For example, each pixel of a picture file could consist of three 32-bit fields. Knowing that each field is 32-bits is up to you. A header at the beginning of the file may provide clues about interpreting the file, but even so, it’s up to you to know how to interact with the file.
This example shows how to work with a picture as an unstructured file. The example image is a public domain offering from commons.wikimedia.org. To work with images, you need to access the scikit-image library, which is a free-of-charge collection of algorithms used for image processing. Here’s a tutorial for this library.
The first task is to be able to display the image on-screen using the following code. (This code can require a little time to run. The image is ready when the busy indicator disappears from the IPython Notebook tab.)
from skimage.io import imread
from skimage.transform import resize
from matplotlib import pyplot as plt
import matplotlib.cm as cm
example_file = ("http://upload.wikimedia.org/" +
"wikipedia/commons/7/7d/Dog_face.png")
image = imread(example_file, as_grey=True)
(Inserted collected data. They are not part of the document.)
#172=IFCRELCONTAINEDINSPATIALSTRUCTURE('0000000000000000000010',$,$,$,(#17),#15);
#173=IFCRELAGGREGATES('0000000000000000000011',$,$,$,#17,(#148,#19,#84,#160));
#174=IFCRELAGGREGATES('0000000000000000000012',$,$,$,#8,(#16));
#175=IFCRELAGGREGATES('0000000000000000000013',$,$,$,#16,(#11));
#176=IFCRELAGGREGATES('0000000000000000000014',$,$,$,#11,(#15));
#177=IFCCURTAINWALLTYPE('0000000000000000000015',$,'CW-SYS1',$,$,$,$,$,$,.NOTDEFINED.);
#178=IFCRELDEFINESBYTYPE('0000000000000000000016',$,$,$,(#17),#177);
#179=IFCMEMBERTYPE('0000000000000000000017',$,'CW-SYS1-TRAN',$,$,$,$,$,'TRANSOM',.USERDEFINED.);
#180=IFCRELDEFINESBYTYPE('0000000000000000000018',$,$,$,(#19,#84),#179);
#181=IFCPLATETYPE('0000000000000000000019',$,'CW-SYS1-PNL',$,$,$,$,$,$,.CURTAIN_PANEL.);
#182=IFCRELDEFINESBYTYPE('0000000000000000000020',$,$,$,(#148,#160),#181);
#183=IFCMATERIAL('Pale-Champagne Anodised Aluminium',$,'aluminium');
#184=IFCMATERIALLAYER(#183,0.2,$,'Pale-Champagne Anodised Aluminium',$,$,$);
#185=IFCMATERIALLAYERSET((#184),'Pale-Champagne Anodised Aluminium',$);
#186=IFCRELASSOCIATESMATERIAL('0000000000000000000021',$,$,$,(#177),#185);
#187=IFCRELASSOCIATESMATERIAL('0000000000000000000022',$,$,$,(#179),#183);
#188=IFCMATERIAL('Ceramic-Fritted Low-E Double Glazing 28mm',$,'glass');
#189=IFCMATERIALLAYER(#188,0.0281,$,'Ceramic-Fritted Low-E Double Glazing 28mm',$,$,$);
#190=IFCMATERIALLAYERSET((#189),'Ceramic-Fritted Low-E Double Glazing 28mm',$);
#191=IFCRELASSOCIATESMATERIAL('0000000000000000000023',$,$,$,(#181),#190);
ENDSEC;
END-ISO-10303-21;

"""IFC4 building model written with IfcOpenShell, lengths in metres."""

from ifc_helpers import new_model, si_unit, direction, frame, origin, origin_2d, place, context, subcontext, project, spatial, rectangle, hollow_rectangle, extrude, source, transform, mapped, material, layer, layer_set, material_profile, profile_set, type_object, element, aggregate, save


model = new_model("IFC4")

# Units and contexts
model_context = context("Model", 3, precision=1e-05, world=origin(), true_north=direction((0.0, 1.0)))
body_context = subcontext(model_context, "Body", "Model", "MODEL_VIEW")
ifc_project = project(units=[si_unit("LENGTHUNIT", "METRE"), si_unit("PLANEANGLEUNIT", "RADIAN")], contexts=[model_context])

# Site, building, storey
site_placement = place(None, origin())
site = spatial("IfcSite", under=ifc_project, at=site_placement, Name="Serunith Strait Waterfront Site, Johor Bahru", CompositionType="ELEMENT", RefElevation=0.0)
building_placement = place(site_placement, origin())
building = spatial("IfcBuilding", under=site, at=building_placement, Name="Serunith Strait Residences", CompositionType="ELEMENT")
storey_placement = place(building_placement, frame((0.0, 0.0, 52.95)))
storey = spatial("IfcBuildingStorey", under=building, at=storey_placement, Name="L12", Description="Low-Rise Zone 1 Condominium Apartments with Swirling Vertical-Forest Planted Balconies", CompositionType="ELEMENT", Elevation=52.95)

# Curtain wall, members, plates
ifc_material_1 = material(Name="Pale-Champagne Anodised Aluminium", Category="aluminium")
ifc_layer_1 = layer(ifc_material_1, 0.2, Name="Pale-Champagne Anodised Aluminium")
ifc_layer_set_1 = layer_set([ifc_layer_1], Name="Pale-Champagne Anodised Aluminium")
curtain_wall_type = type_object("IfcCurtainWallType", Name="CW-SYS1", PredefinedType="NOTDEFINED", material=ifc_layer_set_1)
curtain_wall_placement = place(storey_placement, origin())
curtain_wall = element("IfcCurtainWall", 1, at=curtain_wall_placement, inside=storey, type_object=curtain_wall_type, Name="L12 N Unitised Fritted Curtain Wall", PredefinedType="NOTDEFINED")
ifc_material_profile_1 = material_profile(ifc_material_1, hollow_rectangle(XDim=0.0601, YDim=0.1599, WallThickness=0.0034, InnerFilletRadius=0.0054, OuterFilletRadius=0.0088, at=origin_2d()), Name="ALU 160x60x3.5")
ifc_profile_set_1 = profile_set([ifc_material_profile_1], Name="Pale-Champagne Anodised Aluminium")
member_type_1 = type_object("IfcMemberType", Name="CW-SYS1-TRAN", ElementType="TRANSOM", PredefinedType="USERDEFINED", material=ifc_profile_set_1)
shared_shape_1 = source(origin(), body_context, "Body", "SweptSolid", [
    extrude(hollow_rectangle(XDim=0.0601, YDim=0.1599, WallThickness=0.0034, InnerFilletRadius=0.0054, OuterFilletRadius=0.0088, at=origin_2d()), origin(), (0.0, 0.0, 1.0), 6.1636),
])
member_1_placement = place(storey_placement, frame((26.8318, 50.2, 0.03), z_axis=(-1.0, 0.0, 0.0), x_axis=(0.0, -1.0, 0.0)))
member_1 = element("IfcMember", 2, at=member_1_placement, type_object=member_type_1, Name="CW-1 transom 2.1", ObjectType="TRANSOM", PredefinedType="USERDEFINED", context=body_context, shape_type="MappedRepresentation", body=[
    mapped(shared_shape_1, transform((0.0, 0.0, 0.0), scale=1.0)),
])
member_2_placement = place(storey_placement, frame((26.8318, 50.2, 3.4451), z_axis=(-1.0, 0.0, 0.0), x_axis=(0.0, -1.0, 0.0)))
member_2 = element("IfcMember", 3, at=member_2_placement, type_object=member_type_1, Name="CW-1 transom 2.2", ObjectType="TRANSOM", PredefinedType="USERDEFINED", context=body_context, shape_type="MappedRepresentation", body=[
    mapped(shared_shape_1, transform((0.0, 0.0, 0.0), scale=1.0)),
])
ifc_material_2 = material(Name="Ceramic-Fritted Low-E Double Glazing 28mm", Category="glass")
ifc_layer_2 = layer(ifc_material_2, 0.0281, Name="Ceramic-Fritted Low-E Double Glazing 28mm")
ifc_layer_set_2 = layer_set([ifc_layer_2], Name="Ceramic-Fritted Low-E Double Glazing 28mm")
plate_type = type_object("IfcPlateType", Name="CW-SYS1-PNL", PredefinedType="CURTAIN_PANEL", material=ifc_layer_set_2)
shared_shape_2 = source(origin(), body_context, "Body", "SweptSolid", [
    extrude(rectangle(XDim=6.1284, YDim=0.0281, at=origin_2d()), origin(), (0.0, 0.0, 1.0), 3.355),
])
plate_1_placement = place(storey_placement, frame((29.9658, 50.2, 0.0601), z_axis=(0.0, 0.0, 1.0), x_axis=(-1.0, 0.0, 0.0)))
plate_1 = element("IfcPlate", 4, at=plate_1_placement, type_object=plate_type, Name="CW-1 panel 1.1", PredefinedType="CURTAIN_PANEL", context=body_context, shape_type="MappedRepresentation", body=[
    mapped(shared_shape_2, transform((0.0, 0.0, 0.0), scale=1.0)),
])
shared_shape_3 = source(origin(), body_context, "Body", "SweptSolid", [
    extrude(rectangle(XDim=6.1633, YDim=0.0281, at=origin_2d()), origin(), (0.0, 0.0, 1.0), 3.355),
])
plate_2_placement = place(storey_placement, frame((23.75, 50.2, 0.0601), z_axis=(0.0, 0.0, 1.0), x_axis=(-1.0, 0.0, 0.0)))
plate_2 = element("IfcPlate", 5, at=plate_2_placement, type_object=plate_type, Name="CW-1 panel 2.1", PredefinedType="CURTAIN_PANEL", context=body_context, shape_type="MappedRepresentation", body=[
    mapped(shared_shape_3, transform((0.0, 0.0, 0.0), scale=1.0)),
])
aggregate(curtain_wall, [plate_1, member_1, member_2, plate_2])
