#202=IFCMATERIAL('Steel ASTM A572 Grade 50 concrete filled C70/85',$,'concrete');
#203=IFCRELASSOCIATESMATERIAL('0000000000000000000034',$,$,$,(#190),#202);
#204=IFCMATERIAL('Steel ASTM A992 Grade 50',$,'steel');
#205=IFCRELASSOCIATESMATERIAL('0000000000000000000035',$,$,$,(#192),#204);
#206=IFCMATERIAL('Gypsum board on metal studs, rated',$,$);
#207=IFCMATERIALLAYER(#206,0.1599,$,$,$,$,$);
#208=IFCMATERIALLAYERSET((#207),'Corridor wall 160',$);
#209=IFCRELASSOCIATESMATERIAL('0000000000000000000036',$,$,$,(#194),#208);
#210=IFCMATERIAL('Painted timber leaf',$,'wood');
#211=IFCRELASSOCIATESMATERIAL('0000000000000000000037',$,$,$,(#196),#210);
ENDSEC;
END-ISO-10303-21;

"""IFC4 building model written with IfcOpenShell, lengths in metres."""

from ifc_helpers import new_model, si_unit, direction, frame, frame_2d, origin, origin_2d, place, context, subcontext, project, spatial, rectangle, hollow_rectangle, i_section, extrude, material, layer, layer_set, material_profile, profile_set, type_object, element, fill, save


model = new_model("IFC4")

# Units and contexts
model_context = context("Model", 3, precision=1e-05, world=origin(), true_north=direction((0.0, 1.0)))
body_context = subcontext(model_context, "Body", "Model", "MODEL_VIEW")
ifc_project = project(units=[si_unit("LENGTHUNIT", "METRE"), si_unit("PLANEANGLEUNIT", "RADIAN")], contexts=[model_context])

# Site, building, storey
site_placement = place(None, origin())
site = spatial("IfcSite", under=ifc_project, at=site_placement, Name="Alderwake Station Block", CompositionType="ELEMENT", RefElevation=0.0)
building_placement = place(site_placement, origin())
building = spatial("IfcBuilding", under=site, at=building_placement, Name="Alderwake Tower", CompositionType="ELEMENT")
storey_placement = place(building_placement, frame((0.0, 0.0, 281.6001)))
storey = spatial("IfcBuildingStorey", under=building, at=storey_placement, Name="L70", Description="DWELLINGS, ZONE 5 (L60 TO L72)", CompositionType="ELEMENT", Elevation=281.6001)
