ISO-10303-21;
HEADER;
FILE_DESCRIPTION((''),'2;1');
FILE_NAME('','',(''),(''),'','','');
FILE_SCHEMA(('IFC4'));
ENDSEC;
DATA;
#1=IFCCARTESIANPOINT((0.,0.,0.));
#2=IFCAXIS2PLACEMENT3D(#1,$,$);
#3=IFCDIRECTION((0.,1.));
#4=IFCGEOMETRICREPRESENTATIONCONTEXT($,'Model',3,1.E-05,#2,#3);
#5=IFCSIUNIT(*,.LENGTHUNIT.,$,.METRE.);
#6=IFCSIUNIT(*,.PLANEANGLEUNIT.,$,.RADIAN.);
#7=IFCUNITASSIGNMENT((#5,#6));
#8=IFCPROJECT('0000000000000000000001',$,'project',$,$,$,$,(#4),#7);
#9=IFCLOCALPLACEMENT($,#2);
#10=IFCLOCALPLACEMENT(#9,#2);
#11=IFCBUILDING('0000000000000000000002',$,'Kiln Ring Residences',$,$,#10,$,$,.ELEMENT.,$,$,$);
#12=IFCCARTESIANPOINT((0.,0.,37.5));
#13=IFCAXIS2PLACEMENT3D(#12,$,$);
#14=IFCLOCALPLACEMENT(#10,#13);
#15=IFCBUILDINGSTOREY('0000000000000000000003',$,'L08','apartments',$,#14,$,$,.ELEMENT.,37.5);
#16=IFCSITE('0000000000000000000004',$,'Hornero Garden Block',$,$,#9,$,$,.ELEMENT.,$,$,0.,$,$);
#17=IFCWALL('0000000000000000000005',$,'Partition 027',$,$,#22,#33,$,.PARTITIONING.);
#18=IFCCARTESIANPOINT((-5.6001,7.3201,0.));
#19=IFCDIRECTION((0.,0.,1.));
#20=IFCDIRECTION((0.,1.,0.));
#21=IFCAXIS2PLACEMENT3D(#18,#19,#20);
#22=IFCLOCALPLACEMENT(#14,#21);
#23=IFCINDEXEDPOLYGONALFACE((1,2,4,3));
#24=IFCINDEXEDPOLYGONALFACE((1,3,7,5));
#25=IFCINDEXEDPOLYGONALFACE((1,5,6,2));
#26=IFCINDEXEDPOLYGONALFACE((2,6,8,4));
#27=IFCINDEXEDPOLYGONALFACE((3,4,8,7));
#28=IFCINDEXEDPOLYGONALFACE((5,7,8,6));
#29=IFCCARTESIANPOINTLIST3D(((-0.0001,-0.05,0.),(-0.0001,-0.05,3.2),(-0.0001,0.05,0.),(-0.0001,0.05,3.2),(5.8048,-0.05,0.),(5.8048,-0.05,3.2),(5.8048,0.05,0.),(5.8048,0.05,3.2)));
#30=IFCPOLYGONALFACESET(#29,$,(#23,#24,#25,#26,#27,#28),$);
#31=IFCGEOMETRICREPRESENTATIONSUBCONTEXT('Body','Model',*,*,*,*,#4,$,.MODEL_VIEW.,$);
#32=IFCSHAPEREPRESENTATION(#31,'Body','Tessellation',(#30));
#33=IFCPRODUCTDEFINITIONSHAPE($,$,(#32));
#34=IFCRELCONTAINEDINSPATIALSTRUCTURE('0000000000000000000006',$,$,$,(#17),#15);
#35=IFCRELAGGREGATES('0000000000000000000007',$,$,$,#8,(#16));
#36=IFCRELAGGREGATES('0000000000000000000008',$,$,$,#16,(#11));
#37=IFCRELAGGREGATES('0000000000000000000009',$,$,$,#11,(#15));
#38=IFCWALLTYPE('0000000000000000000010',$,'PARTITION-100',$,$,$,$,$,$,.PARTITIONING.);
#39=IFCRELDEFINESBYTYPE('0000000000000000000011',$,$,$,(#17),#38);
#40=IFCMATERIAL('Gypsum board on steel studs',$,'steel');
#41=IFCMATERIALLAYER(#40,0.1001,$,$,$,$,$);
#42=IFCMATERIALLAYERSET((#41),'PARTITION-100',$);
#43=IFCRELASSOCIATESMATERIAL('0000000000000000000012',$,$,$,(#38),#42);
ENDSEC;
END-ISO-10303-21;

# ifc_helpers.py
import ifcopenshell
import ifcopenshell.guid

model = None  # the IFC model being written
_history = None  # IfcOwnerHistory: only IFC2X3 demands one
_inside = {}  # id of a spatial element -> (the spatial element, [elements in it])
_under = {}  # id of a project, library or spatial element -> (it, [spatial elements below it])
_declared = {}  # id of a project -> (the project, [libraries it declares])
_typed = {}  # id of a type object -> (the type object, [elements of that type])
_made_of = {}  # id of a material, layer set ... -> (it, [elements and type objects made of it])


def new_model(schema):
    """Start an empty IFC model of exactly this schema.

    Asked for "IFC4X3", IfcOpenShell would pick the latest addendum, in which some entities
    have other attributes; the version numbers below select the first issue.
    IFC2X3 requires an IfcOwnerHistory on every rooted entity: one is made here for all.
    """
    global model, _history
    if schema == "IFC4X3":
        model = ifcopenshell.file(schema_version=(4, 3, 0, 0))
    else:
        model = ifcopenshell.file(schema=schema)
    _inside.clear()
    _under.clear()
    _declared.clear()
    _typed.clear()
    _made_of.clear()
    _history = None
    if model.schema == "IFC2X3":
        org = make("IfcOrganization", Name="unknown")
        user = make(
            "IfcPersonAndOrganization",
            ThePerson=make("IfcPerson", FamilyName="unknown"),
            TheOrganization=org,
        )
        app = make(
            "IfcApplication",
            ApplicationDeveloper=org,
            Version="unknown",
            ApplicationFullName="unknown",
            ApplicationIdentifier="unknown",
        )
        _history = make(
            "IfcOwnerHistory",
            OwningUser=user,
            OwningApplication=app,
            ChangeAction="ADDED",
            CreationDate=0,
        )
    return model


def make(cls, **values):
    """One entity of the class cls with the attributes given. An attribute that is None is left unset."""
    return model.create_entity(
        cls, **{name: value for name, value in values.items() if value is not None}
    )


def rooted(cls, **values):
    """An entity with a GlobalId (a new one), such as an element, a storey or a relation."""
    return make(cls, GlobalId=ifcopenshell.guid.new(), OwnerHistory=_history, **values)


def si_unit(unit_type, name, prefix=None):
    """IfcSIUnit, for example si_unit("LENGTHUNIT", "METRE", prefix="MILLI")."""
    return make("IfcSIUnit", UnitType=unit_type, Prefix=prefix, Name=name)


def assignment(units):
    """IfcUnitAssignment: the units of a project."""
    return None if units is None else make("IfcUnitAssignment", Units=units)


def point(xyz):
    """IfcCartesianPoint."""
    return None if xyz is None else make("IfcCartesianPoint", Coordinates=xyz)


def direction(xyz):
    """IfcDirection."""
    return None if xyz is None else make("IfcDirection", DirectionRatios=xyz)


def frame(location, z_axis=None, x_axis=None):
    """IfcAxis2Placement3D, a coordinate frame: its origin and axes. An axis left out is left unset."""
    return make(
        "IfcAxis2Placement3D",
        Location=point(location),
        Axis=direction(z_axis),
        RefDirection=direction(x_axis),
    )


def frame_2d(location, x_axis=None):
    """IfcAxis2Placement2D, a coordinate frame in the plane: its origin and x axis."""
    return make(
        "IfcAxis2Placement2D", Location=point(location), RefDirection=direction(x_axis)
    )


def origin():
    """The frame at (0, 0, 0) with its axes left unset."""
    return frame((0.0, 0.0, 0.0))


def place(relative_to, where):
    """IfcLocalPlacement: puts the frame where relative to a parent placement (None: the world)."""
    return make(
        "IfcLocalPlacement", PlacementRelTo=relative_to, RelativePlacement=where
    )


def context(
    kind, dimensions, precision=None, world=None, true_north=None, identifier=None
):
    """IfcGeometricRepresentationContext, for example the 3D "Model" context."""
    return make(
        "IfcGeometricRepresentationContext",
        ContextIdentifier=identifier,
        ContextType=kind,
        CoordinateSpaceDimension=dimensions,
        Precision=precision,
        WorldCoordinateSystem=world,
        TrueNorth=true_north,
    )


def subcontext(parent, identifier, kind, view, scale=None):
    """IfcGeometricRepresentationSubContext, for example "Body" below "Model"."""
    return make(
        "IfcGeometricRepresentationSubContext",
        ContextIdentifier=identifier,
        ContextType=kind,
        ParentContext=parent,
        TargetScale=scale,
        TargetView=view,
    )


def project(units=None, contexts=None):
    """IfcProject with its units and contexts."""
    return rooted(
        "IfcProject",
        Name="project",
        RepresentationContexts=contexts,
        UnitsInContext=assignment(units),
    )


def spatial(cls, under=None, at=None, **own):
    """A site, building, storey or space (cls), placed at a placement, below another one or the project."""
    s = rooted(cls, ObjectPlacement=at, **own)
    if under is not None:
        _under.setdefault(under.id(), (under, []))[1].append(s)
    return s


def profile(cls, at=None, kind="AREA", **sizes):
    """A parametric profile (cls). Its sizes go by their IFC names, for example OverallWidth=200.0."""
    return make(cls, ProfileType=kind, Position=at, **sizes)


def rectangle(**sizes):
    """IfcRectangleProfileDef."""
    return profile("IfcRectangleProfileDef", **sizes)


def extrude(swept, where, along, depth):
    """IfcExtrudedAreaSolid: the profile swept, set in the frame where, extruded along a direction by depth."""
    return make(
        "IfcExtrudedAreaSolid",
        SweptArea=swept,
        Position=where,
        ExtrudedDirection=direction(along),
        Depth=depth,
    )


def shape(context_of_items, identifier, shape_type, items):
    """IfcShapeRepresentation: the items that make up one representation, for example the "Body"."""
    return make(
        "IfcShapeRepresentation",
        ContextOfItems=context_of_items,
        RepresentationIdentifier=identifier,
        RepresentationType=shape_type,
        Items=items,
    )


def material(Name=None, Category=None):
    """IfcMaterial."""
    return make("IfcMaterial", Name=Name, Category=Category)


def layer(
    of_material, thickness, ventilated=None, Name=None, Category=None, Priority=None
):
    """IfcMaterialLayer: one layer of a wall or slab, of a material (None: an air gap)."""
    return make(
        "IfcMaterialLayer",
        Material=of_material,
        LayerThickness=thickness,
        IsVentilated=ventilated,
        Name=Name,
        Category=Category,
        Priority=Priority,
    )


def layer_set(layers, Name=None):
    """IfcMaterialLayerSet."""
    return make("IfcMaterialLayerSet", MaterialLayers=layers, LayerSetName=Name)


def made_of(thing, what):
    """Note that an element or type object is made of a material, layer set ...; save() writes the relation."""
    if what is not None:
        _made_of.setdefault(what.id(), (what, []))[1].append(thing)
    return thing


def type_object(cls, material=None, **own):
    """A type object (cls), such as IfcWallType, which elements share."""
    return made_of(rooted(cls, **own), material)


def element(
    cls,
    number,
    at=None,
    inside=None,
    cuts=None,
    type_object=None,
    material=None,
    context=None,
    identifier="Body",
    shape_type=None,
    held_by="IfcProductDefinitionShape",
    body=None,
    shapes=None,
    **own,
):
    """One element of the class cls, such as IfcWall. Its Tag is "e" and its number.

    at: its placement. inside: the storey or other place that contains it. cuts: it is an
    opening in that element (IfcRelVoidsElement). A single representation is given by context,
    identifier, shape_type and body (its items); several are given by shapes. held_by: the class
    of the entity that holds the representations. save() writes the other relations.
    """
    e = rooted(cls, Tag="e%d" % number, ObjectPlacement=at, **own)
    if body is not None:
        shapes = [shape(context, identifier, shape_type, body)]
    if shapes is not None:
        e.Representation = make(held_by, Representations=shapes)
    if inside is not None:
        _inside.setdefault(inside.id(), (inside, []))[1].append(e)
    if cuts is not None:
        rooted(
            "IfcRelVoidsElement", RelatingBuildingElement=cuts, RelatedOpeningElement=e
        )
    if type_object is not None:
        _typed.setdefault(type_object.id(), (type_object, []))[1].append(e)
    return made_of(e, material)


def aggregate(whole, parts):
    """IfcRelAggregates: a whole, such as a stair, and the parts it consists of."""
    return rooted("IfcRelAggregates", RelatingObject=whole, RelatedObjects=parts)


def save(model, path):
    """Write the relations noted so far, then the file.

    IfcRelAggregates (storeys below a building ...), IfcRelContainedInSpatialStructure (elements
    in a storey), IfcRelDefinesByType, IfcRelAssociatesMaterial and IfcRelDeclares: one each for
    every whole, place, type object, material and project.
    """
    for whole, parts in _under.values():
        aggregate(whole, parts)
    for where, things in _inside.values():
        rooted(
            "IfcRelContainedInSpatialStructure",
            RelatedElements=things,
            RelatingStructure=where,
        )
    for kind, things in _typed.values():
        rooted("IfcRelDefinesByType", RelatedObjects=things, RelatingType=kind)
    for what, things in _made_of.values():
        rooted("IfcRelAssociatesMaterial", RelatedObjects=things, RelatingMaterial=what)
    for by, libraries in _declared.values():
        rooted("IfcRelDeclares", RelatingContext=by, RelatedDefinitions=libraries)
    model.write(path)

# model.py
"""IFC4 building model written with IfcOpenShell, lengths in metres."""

from ifc_helpers import new_model, si_unit, direction, frame, frame_2d, origin, place, context, subcontext, project, spatial, rectangle, extrude, material, layer, layer_set, type_object, element, save


model = new_model("IFC4")

# Units and contexts
model_context = context("Model", 3, precision=1e-05, world=origin(), true_north=direction((0.0, 1.0)))
body_context = subcontext(model_context, "Body", "Model", "MODEL_VIEW")
ifc_project = project(units=[si_unit("LENGTHUNIT", "METRE"), si_unit("PLANEANGLEUNIT", "RADIAN")], contexts=[model_context])

# Site, building, storey
site_placement = place(None, origin())
site = spatial("IfcSite", under=ifc_project, at=site_placement, Name="Hornero Garden Block", CompositionType="ELEMENT", RefElevation=0.0)
building_placement = place(site_placement, origin())
building = spatial("IfcBuilding", under=site, at=building_placement, Name="Kiln Ring Residences", CompositionType="ELEMENT")
storey_placement = place(building_placement, frame((0.0, 0.0, 37.5)))
storey = spatial("IfcBuildingStorey", under=building, at=storey_placement, Name="L08", Description="apartments", CompositionType="ELEMENT", Elevation=37.5)

# Wall
ifc_material_1 = material(Name="Gypsum board on steel studs", Category="steel")
ifc_layer_1 = layer(ifc_material_1, 0.1001)
ifc_layer_set_1 = layer_set([ifc_layer_1], Name="PARTITION-100")
wall_type = type_object("IfcWallType", Name="PARTITION-100", PredefinedType="PARTITIONING", material=ifc_layer_set_1)
wall_placement = place(storey_placement, frame((-5.6001, 7.3201, 0.0), z_axis=(0.0, 0.0, 1.0), x_axis=(0.0, 1.0, 0.0)))
element("IfcWall", 1, at=wall_placement, inside=storey, type_object=wall_type, Name="Partition 027", PredefinedType="PARTITIONING", context=body_context, shape_type="SweptSolid", body=[
    extrude(rectangle(XDim=5.8049, YDim=0.1001, at=frame_2d((2.9023, 0.0))), origin(), (0.0, 0.0, 1.0), 3.2),
])

save(model, "model.ifc")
plt.imshow(image, cmap=cm.gray)
plt.show()
The code begins by importing a number of libraries. It then creates a string that points to the example file online and places it in example_file
. This string is part of the imread()
method call, along with as_grey
, which is set to True
. The as_grey
argument tells Python to turn color images into grayscale. Any images that are already in grayscale remain that way.
Now that you have an image loaded, it’s time to render it (make it ready to display on-screen. The imshow()
function performs the rendering and uses a grayscale color map. The show()
function actually displays image
for you.
Close the image when you’re finished viewing it. (The asterisk in the In [*]:
entry tells you that the code is still running and you can’t move on to the next step.) The act of closing the image ends the code segment. You now have an image in memory, and you may want to find out more about it. When you run the following code, you discover the image type and size:
print("data type: %s, shape: %s" %
(type(image), image.shape))
The output from this call tells you that the image type is a numpy.ndarray
and that the image size is 90 pixels by 90 pixels. The image is actually an array of pixels that you can manipulate in various ways. For example, if you want to crop the image, you can use the following code to manipulate the image array:
image2 = image[5:70,0:70]
plt.imshow(image2, cmap=cm.gray)
plt.show()
The numpy.ndarray
in image2
is smaller than the one in image
, so the output is smaller as well. Typical results are shown below. The purpose of cropping the image is to make it a specific size. Both images must be the same size for you to analyze them. Cropping is one way to ensure that the images are the correct size for analysis.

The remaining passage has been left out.